Requires Python 2.7.5+ or Python 3
This repository contains the training data for CLEF eHealth Task 2, the TAR track. http://clef-ehealth.org/
Along with the extracted data and scripts to process it.
In scripts, there is the evaluation script called, tar_eval.py
From the base directory you can evaluate the pubmed output order (held in results/pubmed.res)
python scripts/tar_eval.py training/qrels/qrels_abs_train training/results/pubmed.res
In pubmed.res we have ordered the documents for each topic randomly. we have also created pubmed.t1000.res and pubmed.t100.res which includes a threshold at 1000 and 100, respectively.

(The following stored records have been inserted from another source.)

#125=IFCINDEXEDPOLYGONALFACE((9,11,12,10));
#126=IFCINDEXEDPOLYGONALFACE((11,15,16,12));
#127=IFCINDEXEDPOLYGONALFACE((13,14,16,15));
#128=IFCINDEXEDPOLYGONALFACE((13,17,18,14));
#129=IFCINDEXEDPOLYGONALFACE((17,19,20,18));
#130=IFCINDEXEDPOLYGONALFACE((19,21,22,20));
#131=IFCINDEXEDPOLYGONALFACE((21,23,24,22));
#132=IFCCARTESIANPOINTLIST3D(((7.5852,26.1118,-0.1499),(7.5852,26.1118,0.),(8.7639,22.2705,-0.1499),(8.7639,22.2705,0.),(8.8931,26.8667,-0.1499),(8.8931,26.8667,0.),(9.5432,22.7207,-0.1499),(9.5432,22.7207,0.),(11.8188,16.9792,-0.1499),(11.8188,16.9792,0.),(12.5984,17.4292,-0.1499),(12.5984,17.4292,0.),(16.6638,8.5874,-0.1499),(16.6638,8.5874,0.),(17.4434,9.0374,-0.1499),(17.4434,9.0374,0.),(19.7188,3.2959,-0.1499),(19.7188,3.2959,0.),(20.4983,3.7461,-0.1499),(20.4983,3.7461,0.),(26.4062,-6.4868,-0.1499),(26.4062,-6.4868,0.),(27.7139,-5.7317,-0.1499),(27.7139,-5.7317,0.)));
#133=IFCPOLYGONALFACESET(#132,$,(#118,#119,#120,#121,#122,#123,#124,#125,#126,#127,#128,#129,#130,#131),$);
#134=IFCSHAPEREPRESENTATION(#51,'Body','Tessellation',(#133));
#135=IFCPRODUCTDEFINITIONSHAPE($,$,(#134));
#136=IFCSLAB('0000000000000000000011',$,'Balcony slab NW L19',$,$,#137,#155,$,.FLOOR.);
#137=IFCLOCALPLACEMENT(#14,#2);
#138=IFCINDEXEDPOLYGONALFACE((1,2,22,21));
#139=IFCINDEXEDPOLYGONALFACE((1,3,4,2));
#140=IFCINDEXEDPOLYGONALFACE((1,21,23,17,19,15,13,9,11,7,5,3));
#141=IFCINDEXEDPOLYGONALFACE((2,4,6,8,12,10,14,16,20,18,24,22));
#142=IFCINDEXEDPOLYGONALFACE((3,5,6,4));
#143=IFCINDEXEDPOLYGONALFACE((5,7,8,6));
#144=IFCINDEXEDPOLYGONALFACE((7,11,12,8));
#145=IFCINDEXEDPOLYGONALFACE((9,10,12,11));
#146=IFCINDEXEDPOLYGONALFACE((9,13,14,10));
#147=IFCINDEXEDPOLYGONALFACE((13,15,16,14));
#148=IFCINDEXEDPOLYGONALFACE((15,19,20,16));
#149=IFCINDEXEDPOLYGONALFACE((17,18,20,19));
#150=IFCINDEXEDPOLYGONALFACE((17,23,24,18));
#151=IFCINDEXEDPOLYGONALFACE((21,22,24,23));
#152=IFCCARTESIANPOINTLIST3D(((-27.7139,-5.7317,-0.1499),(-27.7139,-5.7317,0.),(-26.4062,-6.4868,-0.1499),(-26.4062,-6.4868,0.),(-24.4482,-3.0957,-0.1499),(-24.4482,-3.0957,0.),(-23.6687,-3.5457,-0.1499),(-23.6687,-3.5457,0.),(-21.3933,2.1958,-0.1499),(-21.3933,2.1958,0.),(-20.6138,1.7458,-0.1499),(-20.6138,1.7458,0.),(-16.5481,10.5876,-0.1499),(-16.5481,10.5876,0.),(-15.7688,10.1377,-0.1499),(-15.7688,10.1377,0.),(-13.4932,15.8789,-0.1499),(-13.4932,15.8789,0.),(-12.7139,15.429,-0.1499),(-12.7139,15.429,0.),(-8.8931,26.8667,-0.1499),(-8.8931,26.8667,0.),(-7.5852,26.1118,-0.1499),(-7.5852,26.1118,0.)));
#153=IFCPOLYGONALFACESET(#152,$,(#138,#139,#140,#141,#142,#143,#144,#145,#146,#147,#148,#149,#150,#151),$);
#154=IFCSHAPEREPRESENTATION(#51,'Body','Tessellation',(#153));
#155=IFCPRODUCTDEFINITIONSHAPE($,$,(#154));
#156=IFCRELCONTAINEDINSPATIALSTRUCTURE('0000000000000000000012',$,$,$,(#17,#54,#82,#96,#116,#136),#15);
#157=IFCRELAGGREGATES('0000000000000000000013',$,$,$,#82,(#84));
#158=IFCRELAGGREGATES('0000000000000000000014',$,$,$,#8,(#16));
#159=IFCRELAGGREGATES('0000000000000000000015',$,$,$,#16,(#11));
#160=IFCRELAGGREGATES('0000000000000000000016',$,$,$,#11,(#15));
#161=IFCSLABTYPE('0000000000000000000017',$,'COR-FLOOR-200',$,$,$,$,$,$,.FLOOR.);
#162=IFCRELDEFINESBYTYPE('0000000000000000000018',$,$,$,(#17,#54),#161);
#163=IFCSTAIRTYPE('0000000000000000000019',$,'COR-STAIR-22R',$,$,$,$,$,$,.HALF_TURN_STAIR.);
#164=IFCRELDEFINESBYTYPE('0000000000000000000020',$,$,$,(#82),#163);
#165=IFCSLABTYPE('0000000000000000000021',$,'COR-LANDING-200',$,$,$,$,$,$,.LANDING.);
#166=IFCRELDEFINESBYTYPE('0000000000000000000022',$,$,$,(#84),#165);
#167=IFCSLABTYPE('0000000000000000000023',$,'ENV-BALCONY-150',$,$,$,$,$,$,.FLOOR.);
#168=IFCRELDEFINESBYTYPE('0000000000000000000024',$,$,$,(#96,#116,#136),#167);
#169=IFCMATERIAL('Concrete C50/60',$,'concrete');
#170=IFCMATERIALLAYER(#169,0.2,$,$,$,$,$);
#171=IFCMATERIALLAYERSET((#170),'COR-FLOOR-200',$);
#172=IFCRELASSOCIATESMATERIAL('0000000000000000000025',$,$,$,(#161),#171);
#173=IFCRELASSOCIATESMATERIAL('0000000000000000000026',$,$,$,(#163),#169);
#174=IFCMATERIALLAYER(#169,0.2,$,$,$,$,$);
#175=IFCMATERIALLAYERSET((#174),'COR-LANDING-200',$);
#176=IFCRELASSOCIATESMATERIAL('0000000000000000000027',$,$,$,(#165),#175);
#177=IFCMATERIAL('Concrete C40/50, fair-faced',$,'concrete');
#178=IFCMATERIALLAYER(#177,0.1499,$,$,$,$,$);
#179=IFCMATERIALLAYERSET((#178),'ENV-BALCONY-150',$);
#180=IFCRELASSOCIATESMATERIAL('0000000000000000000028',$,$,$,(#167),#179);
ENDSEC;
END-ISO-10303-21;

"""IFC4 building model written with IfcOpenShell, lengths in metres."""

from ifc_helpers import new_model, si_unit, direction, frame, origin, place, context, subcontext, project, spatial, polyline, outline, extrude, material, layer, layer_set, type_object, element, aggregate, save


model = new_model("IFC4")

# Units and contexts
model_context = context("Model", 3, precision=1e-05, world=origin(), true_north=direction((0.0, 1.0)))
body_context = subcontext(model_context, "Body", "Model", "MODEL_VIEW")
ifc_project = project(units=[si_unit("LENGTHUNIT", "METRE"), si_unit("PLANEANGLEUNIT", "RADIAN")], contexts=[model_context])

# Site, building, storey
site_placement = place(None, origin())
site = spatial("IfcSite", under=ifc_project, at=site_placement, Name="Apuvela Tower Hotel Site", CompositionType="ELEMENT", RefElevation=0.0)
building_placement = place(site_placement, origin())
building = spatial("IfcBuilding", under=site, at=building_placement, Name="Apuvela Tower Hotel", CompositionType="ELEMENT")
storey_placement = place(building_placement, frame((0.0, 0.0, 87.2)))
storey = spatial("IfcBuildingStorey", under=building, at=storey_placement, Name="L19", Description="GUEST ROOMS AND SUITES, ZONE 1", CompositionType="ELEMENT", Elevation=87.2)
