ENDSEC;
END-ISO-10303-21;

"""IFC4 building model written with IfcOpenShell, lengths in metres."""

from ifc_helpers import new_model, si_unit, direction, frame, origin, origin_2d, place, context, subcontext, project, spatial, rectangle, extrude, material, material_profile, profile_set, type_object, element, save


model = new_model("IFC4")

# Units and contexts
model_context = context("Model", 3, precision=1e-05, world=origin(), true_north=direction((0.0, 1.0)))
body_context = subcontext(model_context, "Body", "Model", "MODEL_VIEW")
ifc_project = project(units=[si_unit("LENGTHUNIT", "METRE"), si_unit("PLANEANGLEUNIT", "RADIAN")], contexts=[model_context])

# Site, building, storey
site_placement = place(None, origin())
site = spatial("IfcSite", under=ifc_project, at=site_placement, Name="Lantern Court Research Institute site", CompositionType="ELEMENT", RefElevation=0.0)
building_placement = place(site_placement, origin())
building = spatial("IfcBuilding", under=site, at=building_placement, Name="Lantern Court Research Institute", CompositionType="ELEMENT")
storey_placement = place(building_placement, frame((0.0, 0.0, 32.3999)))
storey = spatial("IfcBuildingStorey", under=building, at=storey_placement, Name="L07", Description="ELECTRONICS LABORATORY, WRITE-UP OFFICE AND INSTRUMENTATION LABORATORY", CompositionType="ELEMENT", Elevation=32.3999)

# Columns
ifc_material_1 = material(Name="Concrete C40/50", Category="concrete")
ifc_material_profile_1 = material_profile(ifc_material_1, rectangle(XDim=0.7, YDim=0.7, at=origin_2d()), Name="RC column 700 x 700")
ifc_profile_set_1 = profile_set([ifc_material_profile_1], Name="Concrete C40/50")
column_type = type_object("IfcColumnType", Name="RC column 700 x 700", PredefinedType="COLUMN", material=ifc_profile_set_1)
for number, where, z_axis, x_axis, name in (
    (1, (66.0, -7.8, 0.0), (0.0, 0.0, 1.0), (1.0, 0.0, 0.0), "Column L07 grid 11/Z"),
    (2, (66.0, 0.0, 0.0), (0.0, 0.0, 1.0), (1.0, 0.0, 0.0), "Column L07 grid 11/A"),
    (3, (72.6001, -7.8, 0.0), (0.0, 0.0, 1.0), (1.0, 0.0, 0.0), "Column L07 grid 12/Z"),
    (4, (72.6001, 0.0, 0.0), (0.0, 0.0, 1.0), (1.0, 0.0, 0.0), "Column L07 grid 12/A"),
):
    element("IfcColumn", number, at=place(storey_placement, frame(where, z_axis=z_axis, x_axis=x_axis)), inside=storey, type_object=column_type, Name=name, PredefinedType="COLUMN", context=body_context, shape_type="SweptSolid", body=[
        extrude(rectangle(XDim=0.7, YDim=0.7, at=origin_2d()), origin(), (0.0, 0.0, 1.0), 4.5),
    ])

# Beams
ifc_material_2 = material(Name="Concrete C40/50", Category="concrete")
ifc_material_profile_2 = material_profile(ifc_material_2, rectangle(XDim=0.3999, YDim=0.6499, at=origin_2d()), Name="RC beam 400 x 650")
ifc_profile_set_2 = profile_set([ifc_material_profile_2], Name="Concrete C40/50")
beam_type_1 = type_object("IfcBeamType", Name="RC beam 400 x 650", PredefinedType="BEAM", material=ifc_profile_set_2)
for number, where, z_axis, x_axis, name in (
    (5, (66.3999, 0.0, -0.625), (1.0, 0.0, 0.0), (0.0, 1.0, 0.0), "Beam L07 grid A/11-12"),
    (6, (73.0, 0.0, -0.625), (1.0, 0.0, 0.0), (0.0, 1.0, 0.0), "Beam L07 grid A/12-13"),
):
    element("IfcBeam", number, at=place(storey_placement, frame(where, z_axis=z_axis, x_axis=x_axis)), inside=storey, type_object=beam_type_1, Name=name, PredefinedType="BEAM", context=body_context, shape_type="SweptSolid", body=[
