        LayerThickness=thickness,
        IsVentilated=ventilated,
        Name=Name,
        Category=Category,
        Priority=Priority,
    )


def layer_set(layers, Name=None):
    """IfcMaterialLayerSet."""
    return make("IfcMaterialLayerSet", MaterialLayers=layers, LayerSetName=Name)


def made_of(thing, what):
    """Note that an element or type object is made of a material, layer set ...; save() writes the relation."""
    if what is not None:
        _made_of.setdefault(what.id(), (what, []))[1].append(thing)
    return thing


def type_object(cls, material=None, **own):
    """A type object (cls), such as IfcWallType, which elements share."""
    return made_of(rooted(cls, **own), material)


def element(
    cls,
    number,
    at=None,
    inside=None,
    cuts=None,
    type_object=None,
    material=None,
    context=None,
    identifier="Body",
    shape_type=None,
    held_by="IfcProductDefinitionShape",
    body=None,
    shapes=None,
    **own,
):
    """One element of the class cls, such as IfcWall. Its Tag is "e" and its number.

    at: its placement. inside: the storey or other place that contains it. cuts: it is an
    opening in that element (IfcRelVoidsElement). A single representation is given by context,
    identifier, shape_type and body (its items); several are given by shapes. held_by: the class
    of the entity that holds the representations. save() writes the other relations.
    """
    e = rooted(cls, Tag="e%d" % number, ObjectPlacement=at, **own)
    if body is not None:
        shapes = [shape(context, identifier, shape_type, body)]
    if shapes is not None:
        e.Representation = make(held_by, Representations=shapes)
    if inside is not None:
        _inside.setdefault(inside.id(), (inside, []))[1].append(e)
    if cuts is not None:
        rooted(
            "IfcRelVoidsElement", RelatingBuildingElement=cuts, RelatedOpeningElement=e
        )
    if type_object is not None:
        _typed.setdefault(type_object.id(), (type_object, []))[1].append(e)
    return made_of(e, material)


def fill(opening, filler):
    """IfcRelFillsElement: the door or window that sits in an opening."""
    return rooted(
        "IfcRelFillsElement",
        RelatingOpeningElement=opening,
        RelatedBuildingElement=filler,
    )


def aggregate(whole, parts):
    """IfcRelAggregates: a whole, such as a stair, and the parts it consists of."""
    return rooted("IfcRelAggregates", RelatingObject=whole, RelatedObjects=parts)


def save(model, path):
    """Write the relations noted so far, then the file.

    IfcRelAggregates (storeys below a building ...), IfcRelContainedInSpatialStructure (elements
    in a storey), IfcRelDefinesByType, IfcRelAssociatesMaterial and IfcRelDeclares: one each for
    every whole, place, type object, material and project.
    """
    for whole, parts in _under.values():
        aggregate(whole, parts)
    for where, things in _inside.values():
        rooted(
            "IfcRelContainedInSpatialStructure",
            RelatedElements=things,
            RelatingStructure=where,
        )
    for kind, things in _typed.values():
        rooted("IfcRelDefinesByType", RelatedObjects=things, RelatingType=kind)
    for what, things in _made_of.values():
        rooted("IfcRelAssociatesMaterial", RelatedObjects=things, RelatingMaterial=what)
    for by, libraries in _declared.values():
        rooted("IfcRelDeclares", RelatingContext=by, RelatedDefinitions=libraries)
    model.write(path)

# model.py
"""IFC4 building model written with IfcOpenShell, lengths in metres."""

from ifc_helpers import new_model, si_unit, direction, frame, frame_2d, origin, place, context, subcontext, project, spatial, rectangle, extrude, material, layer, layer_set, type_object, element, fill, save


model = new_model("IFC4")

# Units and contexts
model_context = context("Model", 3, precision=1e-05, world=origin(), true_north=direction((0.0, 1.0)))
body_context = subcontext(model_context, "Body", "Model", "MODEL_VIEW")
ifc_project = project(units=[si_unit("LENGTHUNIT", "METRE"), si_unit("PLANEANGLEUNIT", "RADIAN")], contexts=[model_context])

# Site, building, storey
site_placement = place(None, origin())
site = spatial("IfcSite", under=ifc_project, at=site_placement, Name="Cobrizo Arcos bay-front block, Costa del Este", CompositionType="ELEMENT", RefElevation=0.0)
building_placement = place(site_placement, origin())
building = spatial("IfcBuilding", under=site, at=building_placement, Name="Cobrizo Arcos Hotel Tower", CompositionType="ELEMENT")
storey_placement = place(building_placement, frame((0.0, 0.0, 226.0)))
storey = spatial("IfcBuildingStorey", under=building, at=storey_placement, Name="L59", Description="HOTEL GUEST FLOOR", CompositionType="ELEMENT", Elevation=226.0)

You can also evaluate these to see how they perform.
python scripts/tar_eval.py training/qrels/qrel_abs_train training/results/pubmed.t1000.res
ALL topic_id ALL
ALL num_docs 149405
ALL num_rels 2804
ALL num_shown 149095
ALL num_feedback 0
ALL rels_found 2494
ALL last_rel 6947.4
ALL wss_100 0.0
ALL wss_95 -0.006
ALL NCG@10 0.086
ALL NCG@20 0.19
ALL NCG@30 0.273
ALL NCG@40 0.352
ALL NCG@50 0.443
ALL NCG@60 0.524
ALL NCG@70 0.618
ALL NCG@80 0.701
ALL NCG@90 0.798
ALL NCG@100 0.815
ALL total_cost 7454.75
ALL total_cost_uniform 7462.849
ALL total_cost_weighted 7485.214
ALL norm_area 0.416
ALL ap 0.038
ALL r 0.812
ALL loss_e 0.337
ALL loss_r 0.061
ALL loss_er 0.398
The script create_new_run.py takes a result file, and a fixed rank threshold, and converts all actions after the rank to NS - i.e. not shown. tar_eval.py then ignores those documents
For example, we can create a threshold so that the user stops after 1000 documents
python scripts/create_new_run.py training/results/pubmed.res 1000 > training/results/pubmed.t1000.res
Ok, pretty crude - but gives us some test data.
Given the CLEF TAR topic file which contains, the topic id, title, query and the pids, this script parses the CLEF Tar topic file and extracts out the different parts. e.g.
python scripts/extract_parts_from_topic.py training/topic_train/14
This will create several files.
CD009593.title
CD009593.topicid
CD009593.pids
You can customise the format of the *.pids file, with topic_id and doc_id, or in TREC results format.